Belangrijkste resultaten bij LC-patiënten versus gezonde vrijwilligers na inspanningstest:
De hart-longtesten lieten zien dat er een verminderde energieproductie was tijdens inspanning, dat het ademhalingspatroon was verstoord en dat de zuurstofopname door de spieren was verslechterd. Dit was min of meer volgens de verwachting.
MAAR uit de analyse van de spierbiopten kwam een aantal opmerkelijke bevindingen:
Het aantal capillairen (haarvaten) was gelijk in de biopten van de LC-patiënten en van de gezonde controlegroep.

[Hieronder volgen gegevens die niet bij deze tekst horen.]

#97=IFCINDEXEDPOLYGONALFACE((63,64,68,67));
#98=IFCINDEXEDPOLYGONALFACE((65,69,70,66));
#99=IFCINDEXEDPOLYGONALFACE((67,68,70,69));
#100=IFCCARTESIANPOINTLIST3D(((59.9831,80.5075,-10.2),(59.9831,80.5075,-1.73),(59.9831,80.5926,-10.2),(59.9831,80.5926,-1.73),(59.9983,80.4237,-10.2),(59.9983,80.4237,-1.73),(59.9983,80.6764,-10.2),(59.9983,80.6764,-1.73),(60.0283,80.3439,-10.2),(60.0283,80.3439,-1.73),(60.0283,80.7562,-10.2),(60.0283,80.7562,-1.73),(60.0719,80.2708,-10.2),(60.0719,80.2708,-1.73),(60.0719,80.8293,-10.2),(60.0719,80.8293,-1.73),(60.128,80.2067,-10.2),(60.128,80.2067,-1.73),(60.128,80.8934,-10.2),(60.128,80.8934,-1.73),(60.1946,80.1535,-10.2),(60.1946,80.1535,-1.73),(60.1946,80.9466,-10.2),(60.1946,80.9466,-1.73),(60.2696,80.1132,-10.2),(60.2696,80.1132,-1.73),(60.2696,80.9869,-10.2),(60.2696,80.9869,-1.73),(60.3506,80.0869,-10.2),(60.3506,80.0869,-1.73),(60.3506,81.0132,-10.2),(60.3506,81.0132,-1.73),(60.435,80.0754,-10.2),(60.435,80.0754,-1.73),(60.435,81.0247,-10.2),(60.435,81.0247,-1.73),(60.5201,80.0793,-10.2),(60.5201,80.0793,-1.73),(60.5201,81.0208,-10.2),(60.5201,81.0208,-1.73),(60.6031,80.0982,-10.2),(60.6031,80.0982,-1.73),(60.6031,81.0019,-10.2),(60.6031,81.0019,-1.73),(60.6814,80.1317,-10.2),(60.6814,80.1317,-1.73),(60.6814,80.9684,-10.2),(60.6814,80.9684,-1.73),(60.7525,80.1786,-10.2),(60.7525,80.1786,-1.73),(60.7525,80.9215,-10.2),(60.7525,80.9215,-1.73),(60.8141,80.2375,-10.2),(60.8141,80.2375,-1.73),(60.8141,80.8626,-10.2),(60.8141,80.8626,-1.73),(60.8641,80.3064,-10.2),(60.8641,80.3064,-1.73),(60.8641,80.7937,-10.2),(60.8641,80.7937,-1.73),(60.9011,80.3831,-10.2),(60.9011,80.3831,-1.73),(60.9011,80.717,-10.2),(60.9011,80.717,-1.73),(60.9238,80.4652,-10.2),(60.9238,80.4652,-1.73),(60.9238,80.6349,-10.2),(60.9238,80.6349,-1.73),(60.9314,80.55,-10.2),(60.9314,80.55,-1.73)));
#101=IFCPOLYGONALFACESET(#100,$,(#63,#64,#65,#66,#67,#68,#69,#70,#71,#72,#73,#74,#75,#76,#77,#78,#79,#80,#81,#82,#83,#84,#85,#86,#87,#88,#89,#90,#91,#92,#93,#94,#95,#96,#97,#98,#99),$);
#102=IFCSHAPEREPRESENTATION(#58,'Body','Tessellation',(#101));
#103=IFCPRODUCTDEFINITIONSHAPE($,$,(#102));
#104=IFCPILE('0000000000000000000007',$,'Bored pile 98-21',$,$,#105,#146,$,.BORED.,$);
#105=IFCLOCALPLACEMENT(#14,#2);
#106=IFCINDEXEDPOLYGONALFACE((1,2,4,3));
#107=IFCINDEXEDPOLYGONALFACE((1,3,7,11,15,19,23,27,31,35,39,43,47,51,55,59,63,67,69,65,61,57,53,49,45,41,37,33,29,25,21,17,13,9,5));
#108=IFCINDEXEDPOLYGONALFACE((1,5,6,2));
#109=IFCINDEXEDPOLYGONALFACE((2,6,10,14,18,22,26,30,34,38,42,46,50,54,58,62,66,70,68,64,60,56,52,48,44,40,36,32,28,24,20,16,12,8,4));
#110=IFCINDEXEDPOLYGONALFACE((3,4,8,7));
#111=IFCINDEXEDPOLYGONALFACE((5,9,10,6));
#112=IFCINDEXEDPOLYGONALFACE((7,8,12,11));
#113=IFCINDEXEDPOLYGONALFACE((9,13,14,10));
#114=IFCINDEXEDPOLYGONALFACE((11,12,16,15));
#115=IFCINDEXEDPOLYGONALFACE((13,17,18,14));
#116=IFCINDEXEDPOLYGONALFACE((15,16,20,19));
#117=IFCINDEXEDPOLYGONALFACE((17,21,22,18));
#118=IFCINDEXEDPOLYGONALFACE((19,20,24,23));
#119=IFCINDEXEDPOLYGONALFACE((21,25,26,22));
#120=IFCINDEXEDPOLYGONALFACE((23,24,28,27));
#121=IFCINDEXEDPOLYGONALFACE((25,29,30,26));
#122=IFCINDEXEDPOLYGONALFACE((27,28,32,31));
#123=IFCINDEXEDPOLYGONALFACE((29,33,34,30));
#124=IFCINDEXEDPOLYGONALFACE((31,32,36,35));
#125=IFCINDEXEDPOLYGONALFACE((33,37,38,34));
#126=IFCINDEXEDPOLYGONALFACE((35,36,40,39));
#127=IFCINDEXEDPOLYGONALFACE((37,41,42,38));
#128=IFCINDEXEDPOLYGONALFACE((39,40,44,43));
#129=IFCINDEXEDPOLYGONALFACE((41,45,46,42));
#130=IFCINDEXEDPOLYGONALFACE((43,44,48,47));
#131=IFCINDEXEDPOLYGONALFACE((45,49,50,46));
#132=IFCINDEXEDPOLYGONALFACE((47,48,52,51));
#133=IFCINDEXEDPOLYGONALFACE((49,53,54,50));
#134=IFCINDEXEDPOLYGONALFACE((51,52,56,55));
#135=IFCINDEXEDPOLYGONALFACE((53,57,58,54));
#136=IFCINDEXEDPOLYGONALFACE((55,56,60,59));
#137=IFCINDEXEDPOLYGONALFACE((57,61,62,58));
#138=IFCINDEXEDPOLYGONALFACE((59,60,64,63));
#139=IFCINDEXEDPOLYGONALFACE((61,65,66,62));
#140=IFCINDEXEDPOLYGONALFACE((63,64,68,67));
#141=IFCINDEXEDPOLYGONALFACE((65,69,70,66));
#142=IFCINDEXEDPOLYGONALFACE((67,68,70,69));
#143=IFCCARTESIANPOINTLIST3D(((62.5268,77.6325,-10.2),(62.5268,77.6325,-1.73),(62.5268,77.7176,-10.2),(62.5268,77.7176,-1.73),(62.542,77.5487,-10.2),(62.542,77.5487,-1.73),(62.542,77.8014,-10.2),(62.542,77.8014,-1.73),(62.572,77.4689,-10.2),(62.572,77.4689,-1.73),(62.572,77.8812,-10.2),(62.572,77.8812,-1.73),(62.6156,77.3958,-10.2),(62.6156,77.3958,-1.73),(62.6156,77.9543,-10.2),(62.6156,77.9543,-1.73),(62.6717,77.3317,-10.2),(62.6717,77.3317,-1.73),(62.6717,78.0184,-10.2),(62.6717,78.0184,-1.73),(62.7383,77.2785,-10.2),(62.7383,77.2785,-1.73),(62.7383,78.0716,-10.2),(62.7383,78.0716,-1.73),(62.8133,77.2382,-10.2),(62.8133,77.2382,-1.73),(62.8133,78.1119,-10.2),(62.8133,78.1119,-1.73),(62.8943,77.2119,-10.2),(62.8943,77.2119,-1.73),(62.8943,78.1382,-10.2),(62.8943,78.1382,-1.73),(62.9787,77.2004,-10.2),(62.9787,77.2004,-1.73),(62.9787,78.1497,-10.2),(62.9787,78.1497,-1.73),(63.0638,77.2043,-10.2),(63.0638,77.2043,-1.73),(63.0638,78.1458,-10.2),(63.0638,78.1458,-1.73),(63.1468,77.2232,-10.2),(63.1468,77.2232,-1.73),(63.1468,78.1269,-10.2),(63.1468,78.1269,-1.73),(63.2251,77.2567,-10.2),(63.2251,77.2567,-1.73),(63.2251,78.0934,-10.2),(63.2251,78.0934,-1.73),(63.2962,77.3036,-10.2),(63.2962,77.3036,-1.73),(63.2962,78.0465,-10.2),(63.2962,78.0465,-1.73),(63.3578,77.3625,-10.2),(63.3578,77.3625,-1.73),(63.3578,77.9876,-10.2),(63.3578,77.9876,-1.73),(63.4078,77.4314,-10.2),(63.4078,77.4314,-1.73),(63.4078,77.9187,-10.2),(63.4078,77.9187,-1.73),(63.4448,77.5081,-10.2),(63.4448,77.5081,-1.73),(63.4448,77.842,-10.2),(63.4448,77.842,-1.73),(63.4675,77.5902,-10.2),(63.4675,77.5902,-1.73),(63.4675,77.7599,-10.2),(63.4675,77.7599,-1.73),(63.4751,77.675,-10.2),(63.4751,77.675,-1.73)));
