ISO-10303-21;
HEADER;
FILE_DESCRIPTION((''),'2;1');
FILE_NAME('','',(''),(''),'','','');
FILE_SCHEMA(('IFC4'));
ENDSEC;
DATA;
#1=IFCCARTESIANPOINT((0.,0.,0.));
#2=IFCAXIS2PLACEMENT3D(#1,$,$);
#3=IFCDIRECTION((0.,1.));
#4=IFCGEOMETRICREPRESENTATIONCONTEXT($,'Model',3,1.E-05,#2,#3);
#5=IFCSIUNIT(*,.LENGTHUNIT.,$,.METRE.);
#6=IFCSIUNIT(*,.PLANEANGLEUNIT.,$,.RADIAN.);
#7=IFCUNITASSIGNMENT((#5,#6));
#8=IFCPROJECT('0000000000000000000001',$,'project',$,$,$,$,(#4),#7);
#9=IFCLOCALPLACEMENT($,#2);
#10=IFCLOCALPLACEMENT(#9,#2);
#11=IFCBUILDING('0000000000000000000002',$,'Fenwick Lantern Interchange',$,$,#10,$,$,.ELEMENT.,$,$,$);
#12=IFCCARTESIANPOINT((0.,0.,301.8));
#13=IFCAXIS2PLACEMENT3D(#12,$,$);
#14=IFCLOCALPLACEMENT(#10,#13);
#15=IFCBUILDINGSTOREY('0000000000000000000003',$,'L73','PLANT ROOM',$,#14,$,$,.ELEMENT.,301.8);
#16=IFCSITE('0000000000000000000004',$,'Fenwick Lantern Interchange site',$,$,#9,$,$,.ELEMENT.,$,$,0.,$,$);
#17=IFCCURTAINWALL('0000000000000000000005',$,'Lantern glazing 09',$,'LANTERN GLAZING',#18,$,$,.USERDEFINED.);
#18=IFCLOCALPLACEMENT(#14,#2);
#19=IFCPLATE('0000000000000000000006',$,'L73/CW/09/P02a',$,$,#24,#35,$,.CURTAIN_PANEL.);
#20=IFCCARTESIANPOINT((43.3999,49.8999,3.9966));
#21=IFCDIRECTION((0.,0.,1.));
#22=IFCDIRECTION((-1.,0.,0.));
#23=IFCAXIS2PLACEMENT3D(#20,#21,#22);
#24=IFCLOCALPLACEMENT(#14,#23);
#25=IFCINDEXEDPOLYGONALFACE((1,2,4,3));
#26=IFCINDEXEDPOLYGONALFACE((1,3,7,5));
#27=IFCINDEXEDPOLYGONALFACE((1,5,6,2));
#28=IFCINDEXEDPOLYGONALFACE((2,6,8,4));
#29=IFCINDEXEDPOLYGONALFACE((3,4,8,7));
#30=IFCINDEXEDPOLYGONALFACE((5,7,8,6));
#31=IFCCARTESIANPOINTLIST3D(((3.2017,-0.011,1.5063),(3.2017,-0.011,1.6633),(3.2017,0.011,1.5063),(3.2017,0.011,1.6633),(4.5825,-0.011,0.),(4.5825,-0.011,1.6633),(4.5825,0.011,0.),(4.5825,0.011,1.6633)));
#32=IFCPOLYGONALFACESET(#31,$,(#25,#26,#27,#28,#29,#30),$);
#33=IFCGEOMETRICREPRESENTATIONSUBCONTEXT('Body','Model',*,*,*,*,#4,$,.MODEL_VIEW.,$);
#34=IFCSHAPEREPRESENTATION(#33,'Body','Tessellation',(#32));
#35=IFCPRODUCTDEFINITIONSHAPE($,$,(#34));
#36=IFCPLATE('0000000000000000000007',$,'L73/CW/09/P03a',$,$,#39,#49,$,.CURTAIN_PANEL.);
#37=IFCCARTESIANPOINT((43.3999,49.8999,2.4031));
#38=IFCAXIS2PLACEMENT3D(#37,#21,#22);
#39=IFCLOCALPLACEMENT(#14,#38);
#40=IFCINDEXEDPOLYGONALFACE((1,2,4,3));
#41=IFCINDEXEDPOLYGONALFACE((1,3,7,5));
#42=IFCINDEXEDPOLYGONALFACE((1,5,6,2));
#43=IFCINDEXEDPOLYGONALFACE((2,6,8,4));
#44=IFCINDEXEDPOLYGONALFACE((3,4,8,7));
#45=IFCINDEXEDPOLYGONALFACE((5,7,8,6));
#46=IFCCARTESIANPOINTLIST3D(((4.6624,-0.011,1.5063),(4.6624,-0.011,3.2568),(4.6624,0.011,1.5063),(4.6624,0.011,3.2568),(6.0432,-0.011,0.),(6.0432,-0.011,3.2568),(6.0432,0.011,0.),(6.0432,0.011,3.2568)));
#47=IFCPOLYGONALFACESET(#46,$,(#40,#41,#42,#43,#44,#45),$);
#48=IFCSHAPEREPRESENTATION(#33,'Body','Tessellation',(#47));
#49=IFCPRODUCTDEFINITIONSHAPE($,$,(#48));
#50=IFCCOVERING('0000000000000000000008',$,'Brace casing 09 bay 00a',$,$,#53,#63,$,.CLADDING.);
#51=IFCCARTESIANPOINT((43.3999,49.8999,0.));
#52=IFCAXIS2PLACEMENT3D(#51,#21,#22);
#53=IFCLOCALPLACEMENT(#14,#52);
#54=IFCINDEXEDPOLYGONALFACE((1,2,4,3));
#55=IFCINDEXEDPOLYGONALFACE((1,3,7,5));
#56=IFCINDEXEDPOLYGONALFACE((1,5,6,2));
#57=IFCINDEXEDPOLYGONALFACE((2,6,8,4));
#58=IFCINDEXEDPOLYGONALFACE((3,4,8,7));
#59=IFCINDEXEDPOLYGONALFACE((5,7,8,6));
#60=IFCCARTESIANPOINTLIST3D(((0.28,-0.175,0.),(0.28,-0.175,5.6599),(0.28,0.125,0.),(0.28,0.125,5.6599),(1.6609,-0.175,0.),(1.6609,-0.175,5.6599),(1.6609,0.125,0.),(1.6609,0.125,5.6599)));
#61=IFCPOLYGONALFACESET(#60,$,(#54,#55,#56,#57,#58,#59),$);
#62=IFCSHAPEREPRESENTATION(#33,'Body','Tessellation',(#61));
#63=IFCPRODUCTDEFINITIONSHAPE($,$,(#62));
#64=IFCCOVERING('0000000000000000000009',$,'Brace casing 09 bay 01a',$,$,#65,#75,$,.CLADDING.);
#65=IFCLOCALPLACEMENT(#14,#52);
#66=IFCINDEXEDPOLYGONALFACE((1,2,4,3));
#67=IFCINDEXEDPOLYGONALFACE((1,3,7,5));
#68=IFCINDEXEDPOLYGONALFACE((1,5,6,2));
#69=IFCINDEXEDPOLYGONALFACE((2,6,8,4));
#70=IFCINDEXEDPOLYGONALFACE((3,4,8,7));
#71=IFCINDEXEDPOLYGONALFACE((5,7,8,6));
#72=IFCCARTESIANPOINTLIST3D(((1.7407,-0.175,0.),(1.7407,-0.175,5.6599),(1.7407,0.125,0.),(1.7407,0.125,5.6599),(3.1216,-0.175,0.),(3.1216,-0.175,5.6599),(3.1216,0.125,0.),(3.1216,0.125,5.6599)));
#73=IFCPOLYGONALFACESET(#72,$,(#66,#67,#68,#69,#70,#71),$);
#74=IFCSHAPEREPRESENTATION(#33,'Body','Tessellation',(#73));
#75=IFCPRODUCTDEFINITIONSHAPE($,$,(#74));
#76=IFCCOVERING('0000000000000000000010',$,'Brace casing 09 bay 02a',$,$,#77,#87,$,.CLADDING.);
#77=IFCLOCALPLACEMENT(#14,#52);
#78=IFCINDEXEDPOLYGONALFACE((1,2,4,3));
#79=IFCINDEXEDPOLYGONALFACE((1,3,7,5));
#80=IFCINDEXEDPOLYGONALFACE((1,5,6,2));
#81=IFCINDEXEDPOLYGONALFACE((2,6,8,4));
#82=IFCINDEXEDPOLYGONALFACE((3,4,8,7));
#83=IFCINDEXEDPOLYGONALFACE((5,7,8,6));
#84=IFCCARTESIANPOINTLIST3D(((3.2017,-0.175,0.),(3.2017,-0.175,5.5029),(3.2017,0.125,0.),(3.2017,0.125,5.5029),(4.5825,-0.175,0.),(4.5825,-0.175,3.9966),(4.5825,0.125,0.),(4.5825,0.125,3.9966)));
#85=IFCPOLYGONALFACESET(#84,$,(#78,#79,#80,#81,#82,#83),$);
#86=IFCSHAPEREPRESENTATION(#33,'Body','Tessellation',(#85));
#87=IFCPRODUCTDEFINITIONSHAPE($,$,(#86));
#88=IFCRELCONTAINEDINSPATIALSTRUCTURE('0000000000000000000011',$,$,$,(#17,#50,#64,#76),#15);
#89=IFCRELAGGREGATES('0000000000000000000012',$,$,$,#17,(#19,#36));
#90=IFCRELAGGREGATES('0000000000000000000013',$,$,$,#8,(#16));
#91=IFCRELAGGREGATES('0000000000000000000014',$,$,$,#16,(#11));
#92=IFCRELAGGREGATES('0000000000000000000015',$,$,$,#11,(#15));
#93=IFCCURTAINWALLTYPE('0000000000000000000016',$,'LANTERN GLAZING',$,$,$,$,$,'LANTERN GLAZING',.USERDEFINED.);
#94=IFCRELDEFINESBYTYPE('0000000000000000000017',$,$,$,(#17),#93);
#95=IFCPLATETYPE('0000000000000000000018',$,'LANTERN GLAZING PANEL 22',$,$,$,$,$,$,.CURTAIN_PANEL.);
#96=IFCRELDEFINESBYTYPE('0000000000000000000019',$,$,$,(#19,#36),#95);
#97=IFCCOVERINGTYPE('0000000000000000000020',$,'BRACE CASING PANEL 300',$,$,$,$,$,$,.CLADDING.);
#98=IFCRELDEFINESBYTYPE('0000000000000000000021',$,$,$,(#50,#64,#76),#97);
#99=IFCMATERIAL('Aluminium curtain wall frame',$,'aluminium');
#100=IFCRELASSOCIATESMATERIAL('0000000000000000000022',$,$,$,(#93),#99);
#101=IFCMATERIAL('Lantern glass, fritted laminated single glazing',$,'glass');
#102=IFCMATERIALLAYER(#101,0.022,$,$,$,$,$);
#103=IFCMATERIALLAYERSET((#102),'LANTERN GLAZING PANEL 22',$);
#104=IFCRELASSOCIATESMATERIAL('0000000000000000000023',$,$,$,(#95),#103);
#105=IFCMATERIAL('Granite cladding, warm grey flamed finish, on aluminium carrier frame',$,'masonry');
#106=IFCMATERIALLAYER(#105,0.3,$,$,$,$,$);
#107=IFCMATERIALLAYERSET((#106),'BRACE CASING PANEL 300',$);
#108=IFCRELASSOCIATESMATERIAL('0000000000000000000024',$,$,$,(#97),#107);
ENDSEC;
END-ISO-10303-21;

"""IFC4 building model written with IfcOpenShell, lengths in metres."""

from ifc_helpers import new_model, si_unit, direction, frame, origin, place, context, subcontext, project, spatial, polyline, outline, extrude, material, layer, layer_set, type_object, element, aggregate, save


model = new_model("IFC4")

# Units and contexts
model_context = context("Model", 3, precision=1e-05, world=origin(), true_north=direction((0.0, 1.0)))
body_context = subcontext(model_context, "Body", "Model", "MODEL_VIEW")
ifc_project = project(units=[si_unit("LENGTHUNIT", "METRE"), si_unit("PLANEANGLEUNIT", "RADIAN")], contexts=[model_context])

# Site, building, storey
site_placement = place(None, origin())
site = spatial("IfcSite", under=ifc_project, at=site_placement, Name="Fenwick Lantern Interchange site", CompositionType="ELEMENT", RefElevation=0.0)
building_placement = place(site_placement, origin())
building = spatial("IfcBuilding", under=site, at=building_placement, Name="Fenwick Lantern Interchange", CompositionType="ELEMENT")
storey_placement = place(building_placement, frame((0.0, 0.0, 301.8)))
storey = spatial("IfcBuildingStorey", under=building, at=storey_placement, Name="L73", Description="PLANT ROOM", CompositionType="ELEMENT", Elevation=301.8)

# Shared definitions
ifc_material_1 = material(Name="Aluminium curtain wall frame", Category="aluminium")
curtain_wall_type = type_object("IfcCurtainWallType", Name="LANTERN GLAZING", ElementType="LANTERN GLAZING", PredefinedType="USERDEFINED", material=ifc_material_1)

# Curtain wall
curtain_wall_1_placement = place(storey_placement, origin())
curtain_wall_1 = element("IfcCurtainWall", 1, at=curtain_wall_1_placement, inside=storey, type_object=curtain_wall_type, Name="Lantern glazing 09", ObjectType="LANTERN GLAZING", PredefinedType="USERDEFINED")

# Plates
ifc_material_2 = material(Name="Lantern glass, fritted laminated single glazing", Category="glass")
ifc_layer_1 = layer(ifc_material_2, 0.022)
ifc_layer_set_1 = layer_set([ifc_layer_1], Name="LANTERN GLAZING PANEL 22")
plate_type = type_object("IfcPlateType", Name="LANTERN GLAZING PANEL 22", PredefinedType="CURTAIN_PANEL", material=ifc_layer_set_1)
plate_1_placement = place(storey_placement, frame((43.3999, 49.8999, 3.9966), z_axis=(0.0, 0.0, 1.0), x_axis=(-1.0, 0.0, 0.0)))
plate_1 = element("IfcPlate", 2, at=plate_1_placement, type_object=plate_type, Name="L73/CW/09/P02a", PredefinedType="CURTAIN_PANEL", context=body_context, shape_type="SweptSolid", body=[
    extrude(outline(polyline([(4.5825, 0.0), (4.5825, 1.6633), (3.2017, 1.6633), (3.2017, 1.5063), (4.5825, 0.0)])), frame((0.0, 0.011, 0.0), z_axis=(0.0, -1.0, 0.0), x_axis=(1.0, 0.0, 0.0)), (0.0, 0.0, 1.0), 0.022),
])
plate_2_placement = place(storey_placement, frame((43.3999, 49.8999, 2.4031), z_axis=(0.0, 0.0, 1.0), x_axis=(-1.0, 0.0, 0.0)))
plate_2 = element("IfcPlate", 3, at=plate_2_placement, type_object=plate_type, Name="L73/CW/09/P03a", PredefinedType="CURTAIN_PANEL", context=body_context, shape_type="SweptSolid", body=[
    extrude(outline(polyline([(6.0432, 0.0), (6.0432, 3.2568), (4.6624, 3.2568), (4.6624, 1.5063), (6.0432, 0.0)])), frame((0.0, 0.011, 0.0), z_axis=(0.0, -1.0, 0.0), x_axis=(1.0, 0.0, 0.0)), (0.0, 0.0, 1.0), 0.022),
])
aggregate(curtain_wall_1, [plate_1, plate_2])

# Coverings
ifc_material_3 = material(Name="Granite cladding, warm grey flamed finish, on aluminium carrier frame", Category="masonry")
ifc_layer_2 = layer(ifc_material_3, 0.3)
ifc_layer_set_2 = layer_set([ifc_layer_2], Name="BRACE CASING PANEL 300")
covering_type = type_object("IfcCoveringType", Name="BRACE CASING PANEL 300", PredefinedType="CLADDING", material=ifc_layer_set_2)
covering_1_placement = place(storey_placement, frame((43.3999, 49.8999, 0.0), z_axis=(0.0, 0.0, 1.0), x_axis=(-1.0, 0.0, 0.0)))
element("IfcCovering", 4, at=covering_1_placement, inside=storey, type_object=covering_type, Name="Brace casing 09 bay 00a", PredefinedType="CLADDING", context=body_context, shape_type="SweptSolid", body=[
    extrude(outline(polyline([(0.28, 0.0), (1.6609, 0.0), (1.6609, 5.6599), (0.28, 5.6599), (0.28, 0.0)])), frame((0.0, 0.125, 0.0), z_axis=(0.0, -1.0, 0.0), x_axis=(1.0, 0.0, 0.0)), (0.0, 0.0, 1.0), 0.3),
])
covering_2_placement = place(storey_placement, frame((43.3999, 49.8999, 0.0), z_axis=(0.0, 0.0, 1.0), x_axis=(-1.0, 0.0, 0.0)))
element("IfcCovering", 5, at=covering_2_placement, inside=storey, type_object=covering_type, Name="Brace casing 09 bay 01a", PredefinedType="CLADDING", context=body_context, shape_type="SweptSolid", body=[
    extrude(outline(polyline([(1.7407, 0.0), (3.1216, 0.0), (3.1216, 5.6599), (1.7407, 5.6599), (1.7407, 0.0)])), frame((0.0, 0.125, 0.0), z_axis=(0.0, -1.0, 0.0), x_axis=(1.0, 0.0, 0.0)), (0.0, 0.0, 1.0), 0.3),
])
covering_3_placement = place(storey_placement, frame((43.3999, 49.8999, 0.0), z_axis=(0.0, 0.0, 1.0), x_axis=(-1.0, 0.0, 0.0)))
element("IfcCovering", 6, at=covering_3_placement, inside=storey, type_object=covering_type, Name="Brace casing 09 bay 02a", PredefinedType="CLADDING", context=body_context, shape_type="SweptSolid", body=[
    extrude(outline(polyline([(3.2017, 0.0), (4.5825, 0.0), (4.5825, 3.9966), (3.2017, 5.5029), (3.2017, 0.0)])), frame((0.0, 0.125, 0.0), z_axis=(0.0, -1.0, 0.0), x_axis=(1.0, 0.0, 0.0)), (0.0, 0.0, 1.0), 0.3),
])

save(model, "model.ifc")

De spierstructuur is veranderd: relatief meer ‘glycolytische type II’-spiervezels (Figuur 5): de lichter gekleurde type II-vezels werken meer zonder zuurstof (anaeroob), bevatten minder bloedvaten en minder mitochondriën én leveren snelle en krachtige energie, maar zijn sneller uitgeput. De donkere (rode) type I-spiervezels werken met zuurstof (aeroob)en zijn geschikt voor langdurige inspanning.
Verstoorde functie van de mitochondriën: lagere niveaus van oxidatieve fosforylering (OXPHOS) vóór en na PEM en verlaagde spiegels van het enzym succinaat dehydrogenase (SDH) na PEM (Figuur 5). Dit wijst op mitochondriële problemen en een verstoorde energieproductie. Ook zag men een toename van anaerobe (zuurstofloze) energieproductie, wat leidt tot een opstapeling van lactaat en toxische metabolieten. Een verminderde citroenzuurcyclusactiviteit werd gezien en een disbalans tussen citroenzuur en lactaat, wat wijst op een inefficiënt energieproces.
Stofwisselingsprocessen waren verstoord, zowel in de spieren als het hele lichaam: lage creatinespiegels en problemen met lipidenmetabolisme.
Er was ernstige spierschade na de inspanningstest: hoge oxidatieve stress, dode of verschrompelde spiervezels en infiltratie door immuuncellen.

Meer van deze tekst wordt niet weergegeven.